Equivalence of Cellular Automata and the Tile Assembly Model
Abstract
We explore relationships between two models of systems which are governed by only the local interactions of large collections of simple components: cellular automata (CA) and the abstract Tile Assembly Model (aTAM). While sharing several similarities, the models have fundamental differences, most notably the dynamic nature of CA (in which every cell location is allowed to change state an infinite number of times) versus the static nature of the aTAM (in which tiles are static components that can never change or be removed once they attach to a growing assembly). We work with 2-dimensional systems in both models, and for our results we first define what it means for CA systems to simulate aTAM systems, and then for aTAM systems to simulate CA systems. We use notions of simulate which are similar to those used in the study of intrinsic universality since they are in some sense strict, but also intuitively natural notions of simulation. We then demonstrate a particular nondeterministic CA which can be configured so that it can simulate any arbitrary aTAM system, and finally an aTAM tile set which can be configured so that it can be used to simulate any arbitrary nondeterministic CA system which begins with a finite initial configuration.
Definitions
Intrinsic universality is a notion where one model is capable of simulating the behavior of any model within a class of model in such a way that a scaling of the simulator with respect to size and time can be mapped to a configuration of the simulated model. This differs from computational simulation and the notion of Turing universality where the components of the model can simulate the components of another model but not the behavior of the components.

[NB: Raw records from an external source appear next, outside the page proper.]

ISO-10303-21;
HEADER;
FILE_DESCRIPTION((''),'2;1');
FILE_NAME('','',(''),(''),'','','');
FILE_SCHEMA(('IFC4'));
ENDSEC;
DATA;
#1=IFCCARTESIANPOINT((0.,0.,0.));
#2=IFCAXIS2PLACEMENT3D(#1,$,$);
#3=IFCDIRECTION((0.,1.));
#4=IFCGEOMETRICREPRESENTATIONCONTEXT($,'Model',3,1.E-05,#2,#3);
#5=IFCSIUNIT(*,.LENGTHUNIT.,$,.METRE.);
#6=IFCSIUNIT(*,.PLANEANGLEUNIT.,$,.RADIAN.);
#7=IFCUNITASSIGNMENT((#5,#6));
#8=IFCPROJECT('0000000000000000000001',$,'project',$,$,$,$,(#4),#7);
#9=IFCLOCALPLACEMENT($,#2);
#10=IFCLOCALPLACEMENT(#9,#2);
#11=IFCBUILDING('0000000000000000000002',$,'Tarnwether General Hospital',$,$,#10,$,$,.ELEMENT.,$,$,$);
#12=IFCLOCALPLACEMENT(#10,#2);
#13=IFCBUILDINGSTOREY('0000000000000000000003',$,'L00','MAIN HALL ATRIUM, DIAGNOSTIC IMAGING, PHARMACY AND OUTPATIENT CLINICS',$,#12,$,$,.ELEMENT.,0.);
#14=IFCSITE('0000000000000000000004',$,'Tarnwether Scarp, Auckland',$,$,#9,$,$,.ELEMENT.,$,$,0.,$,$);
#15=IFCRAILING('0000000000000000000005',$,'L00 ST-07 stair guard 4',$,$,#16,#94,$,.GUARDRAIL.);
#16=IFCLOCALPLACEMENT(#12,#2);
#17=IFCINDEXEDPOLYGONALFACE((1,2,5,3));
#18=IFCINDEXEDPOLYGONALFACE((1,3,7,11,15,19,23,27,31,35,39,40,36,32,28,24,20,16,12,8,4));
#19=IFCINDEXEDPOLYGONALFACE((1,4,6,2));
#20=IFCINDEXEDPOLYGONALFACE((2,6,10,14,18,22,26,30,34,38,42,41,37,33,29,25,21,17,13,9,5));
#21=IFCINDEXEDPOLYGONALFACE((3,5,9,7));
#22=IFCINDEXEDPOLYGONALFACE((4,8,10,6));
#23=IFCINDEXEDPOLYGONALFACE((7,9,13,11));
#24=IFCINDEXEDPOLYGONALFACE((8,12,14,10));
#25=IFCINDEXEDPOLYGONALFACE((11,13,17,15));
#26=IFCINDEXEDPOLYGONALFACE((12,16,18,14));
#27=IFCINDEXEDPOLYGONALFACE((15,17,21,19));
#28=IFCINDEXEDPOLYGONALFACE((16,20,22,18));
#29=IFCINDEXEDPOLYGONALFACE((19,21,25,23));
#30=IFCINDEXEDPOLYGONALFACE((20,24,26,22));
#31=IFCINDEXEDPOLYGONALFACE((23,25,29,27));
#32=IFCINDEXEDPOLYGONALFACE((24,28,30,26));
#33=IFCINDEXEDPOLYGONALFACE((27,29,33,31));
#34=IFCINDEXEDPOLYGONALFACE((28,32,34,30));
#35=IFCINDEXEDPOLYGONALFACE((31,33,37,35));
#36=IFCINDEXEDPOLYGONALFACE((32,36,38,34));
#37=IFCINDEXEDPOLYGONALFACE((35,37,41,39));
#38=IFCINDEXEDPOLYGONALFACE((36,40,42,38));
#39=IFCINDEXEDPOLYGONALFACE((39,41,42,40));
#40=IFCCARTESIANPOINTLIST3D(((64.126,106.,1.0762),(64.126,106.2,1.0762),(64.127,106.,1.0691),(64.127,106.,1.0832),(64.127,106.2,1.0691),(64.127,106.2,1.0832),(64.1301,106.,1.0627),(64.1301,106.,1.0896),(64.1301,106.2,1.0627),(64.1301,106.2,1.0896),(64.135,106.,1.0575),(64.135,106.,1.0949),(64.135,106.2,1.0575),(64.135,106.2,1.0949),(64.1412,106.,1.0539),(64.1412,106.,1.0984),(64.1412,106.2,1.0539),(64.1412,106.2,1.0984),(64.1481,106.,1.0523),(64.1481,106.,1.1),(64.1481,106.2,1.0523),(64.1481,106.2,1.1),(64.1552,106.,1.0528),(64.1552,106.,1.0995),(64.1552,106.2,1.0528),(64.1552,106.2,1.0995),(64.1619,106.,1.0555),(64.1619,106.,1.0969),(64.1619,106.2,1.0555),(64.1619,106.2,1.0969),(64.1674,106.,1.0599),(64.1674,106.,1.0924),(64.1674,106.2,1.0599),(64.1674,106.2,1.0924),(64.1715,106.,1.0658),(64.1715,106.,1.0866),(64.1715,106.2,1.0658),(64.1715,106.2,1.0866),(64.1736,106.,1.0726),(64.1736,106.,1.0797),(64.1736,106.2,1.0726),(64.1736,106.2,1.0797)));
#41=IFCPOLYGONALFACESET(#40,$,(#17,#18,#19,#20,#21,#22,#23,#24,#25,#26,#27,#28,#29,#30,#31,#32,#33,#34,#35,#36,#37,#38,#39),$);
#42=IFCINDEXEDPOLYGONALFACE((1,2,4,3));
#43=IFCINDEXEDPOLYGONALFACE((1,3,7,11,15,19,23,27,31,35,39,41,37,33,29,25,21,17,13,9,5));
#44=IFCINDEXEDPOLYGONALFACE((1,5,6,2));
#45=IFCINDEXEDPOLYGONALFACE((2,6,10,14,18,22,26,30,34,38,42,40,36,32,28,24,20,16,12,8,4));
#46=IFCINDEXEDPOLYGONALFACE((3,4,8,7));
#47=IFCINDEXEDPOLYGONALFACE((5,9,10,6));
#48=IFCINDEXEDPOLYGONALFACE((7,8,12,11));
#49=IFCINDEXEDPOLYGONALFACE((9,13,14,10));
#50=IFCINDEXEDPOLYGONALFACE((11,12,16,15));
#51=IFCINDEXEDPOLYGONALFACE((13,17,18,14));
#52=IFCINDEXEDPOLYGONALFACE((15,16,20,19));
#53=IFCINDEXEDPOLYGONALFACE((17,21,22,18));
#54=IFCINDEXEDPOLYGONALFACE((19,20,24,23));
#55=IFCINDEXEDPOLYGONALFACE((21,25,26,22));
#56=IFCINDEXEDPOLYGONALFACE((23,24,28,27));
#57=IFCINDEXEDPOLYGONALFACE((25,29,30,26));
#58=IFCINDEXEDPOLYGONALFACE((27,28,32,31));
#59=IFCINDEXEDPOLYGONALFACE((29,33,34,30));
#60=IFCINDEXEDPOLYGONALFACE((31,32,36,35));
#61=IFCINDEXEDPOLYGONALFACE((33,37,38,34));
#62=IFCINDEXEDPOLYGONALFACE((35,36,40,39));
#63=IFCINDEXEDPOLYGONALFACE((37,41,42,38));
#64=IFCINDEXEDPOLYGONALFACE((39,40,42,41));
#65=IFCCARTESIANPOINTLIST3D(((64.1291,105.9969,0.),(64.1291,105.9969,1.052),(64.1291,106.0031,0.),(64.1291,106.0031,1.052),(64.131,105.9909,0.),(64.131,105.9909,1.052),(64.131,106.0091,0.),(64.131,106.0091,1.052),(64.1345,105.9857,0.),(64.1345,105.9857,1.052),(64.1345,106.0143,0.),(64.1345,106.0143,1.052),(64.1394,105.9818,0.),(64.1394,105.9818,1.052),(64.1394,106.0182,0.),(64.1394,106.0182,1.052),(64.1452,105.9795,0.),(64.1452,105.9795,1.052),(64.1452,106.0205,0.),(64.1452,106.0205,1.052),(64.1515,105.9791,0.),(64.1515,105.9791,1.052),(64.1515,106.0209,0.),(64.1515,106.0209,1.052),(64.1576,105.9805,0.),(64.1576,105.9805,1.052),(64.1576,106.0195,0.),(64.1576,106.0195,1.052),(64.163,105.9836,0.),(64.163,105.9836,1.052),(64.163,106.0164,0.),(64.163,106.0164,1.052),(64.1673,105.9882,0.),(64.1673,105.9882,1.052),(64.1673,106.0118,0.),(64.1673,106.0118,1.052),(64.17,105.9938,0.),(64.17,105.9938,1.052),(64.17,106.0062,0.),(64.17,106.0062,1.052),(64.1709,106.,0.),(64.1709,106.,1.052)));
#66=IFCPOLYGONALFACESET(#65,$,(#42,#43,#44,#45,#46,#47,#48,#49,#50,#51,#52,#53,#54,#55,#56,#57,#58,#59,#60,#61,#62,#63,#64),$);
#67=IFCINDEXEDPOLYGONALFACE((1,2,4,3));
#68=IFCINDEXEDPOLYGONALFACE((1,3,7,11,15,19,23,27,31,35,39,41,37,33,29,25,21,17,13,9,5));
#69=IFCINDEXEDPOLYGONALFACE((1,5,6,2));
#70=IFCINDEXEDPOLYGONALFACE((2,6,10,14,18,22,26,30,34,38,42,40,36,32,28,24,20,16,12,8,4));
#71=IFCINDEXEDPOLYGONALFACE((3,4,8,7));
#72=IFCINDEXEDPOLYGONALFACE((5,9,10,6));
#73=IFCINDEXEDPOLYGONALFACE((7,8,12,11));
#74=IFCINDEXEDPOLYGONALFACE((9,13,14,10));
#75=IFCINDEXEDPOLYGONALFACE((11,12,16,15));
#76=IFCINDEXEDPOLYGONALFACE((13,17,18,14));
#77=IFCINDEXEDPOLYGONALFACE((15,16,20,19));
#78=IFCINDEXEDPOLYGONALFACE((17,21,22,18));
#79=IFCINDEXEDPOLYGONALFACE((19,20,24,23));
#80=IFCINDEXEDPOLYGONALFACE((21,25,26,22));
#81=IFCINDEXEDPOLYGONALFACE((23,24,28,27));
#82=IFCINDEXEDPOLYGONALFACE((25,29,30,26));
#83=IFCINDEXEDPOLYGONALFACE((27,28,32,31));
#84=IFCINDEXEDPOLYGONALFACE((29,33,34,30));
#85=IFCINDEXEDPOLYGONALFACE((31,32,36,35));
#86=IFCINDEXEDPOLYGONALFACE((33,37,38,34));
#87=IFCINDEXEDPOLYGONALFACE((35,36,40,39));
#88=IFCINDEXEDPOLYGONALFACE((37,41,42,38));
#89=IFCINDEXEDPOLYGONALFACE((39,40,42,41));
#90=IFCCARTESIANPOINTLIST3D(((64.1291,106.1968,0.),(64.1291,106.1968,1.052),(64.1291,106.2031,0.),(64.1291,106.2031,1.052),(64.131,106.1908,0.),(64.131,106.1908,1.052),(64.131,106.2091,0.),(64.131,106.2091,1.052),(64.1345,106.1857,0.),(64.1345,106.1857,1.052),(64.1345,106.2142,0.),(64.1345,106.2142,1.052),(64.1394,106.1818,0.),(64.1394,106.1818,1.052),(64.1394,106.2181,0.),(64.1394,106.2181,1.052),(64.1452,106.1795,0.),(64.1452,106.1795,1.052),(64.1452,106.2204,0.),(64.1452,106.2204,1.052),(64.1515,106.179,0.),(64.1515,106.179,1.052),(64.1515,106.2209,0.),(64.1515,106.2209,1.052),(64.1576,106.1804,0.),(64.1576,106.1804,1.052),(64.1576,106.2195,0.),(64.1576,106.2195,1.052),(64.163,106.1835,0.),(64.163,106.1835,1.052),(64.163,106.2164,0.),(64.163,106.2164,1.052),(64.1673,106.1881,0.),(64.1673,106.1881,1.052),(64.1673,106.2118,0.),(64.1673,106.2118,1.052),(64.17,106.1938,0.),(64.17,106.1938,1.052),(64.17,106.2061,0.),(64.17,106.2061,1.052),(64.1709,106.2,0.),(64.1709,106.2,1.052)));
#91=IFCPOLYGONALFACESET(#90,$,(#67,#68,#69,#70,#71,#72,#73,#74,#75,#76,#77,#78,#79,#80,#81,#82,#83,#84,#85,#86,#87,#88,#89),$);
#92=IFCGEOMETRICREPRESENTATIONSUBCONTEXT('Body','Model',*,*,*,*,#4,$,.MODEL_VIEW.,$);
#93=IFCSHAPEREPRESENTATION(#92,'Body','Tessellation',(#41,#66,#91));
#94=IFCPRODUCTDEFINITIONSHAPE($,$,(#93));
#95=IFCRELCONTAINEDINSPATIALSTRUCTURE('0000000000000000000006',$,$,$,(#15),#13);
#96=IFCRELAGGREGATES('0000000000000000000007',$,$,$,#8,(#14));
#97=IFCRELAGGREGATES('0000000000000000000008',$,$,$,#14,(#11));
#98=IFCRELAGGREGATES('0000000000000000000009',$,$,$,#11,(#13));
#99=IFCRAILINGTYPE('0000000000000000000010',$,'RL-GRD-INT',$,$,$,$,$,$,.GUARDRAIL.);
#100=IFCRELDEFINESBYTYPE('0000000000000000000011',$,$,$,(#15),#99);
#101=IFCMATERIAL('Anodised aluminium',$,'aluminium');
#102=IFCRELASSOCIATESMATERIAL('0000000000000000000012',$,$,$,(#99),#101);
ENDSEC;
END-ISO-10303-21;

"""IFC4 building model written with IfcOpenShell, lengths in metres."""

from ifc_helpers import new_model, si_unit, direction, frame, origin, origin_2d, place, context, subcontext, project, spatial, circle, extrude, material, type_object, element, save


model = new_model("IFC4")

# Units and contexts
model_context = context("Model", 3, precision=1e-05, world=origin(), true_north=direction((0.0, 1.0)))
body_context = subcontext(model_context, "Body", "Model", "MODEL_VIEW")
ifc_project = project(units=[si_unit("LENGTHUNIT", "METRE"), si_unit("PLANEANGLEUNIT", "RADIAN")], contexts=[model_context])

# Site, building, storey
site_placement = place(None, origin())
site = spatial("IfcSite", under=ifc_project, at=site_placement, Name="Tarnwether Scarp, Auckland", CompositionType="ELEMENT", RefElevation=0.0)
building_placement = place(site_placement, origin())
building = spatial("IfcBuilding", under=site, at=building_placement, Name="Tarnwether General Hospital", CompositionType="ELEMENT")
storey_placement = place(building_placement, origin())
storey = spatial("IfcBuildingStorey", under=building, at=storey_placement, Name="L00", Description="MAIN HALL ATRIUM, DIAGNOSTIC IMAGING, PHARMACY AND OUTPATIENT CLINICS", CompositionType="ELEMENT", Elevation=0.0)

# Railing
ifc_material_1 = material(Name="Anodised aluminium", Category="aluminium")
railing_type_1 = type_object("IfcRailingType", Name="RL-GRD-INT", PredefinedType="GUARDRAIL", material=ifc_material_1)
railing_1_placement = place(storey_placement, frame((64.1499, 106.0, 0.0)))
element("IfcRailing", 1, at=railing_1_placement, inside=storey, type_object=railing_type_1, Name="L00 ST-07 stair guard 4", PredefinedType="GUARDRAIL", context=body_context, shape_type="SweptSolid", body=[
    extrude(circle(Radius=0.0239, at=origin_2d()), frame((0.0, 0.0, 1.0762), z_axis=(0.0, 1.0, 0.0), x_axis=(-1.0, 0.0, 0.0)), (0.0, 0.0, 1.0), 0.2),
    extrude(circle(Radius=0.021, at=origin_2d()), origin(), (0.0, 0.0, 1.0), 1.052),
    extrude(circle(Radius=0.021, at=origin_2d()), frame((0.0, 0.2, 0.0)), (0.0, 0.0, 1.0), 1.052),
])

save(model, "model.ifc")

Cellular automata (CA) consists of an infinite grid of cells which can each sense their immediate neighborhoods and then all independently but synchronously update their states based on finite set of rules and the state of their neighborhoods. The abstract Tile Assembly Model (aTAM) consists of individual square “tile” components that have “glues” on their edges that allow the tiles to autonomously bind together to form structures based only on the amount and strengths of the matching glues on edges of adjacent tiles.
Overview
It has been shown that the aTAM is intrinsically universal by creating a tile set \(\mathcal{U}\) that for any aTAM tile assembly system \(\mathcal{T}\) of any temperature, \(\mathcal{U}\) can create a seed structure dependent on \(\mathcal{T}\) so the resulting system at temperature 2 simulates the behavior of \(\mathcal{T}\) [1]. The aTAM has also been called an asynchronous, nondeterministic CA where quiescent states that change to “tile” states never change again. In addition, [2] showed 2D aTAM can simulate 1D CA and [3] showed 3D aTAM can simulate 2D. This led to exploration of simulations between two models using the same dimension for each, specifically 2D, with the challenge of overcoming the fundamental differences between the static nature of aTAM and the dynamic nature of CA
The authors [1] show that 2D aTAM can simulate 2D CA by using a scalable representation function and an \(\mathit{n}\) \(\times\) \(\mathit{n}\) square that grow 1 cell row on each side of the square at every step. This recursive, “in-place” simulation maps an infinite hierarchy of every subassembly within it at smaller scale factors to unique cells at some time step. They also show that that 2D CA can simulate 2D aTAM using a single token to traverse a configuration of a neighborhood with quiescent states, token states, tile states, and bridge tiles states. Single state changes from a quiescent state to a tile state corresponds to adding single tiles in the aTAM system.
Results
There is a single nondeterministic, synchronous CA \(\mathcal{A}\) that for any aTAM system \(\mathcal{T}\) can be given an initial configuration dependent on \(\mathcal{T}\) so it will exactly simulate \(\mathcal{T}\). The initial configuration of \(\mathcal{A}\) is created by mapping each seed tile in \(\mathcal{T}\) to the corresponding tile state in \(\mathcal{A}\), adding corresponding bridge tiles states to connect disjoint regions of connected quiescent cells, and adding a cell in token state left tile above a cell in a tile state. This is shown in Figure 1.
There is also a single aTAM tile set \(\mathcal{S}\) that, for any nondeterministic, synchronous CA \(\mathcal{C}\) which begins with all the cells in a quiescent state except for a finite number of cells forming the initial configuration, can be given an initial seed configuration for \(\mathcal{S}\) dependent upon \(\mathcal{C}\) so it will exactly simulate \(\mathcal{C}\). The initial seed configuration for \(\mathcal{S}\) is a single column of cells (Figure 2b) that starts from the bottom and goes up as it encodes the \(\mathit{n}\) \(\times\) \(\mathit{n}\) block of cells in the initial configuration of \(\mathcal{C}\) (Figure2a) starting from the bottom and going left to right then up.
Both of these results were in 2-dimensional discrete space.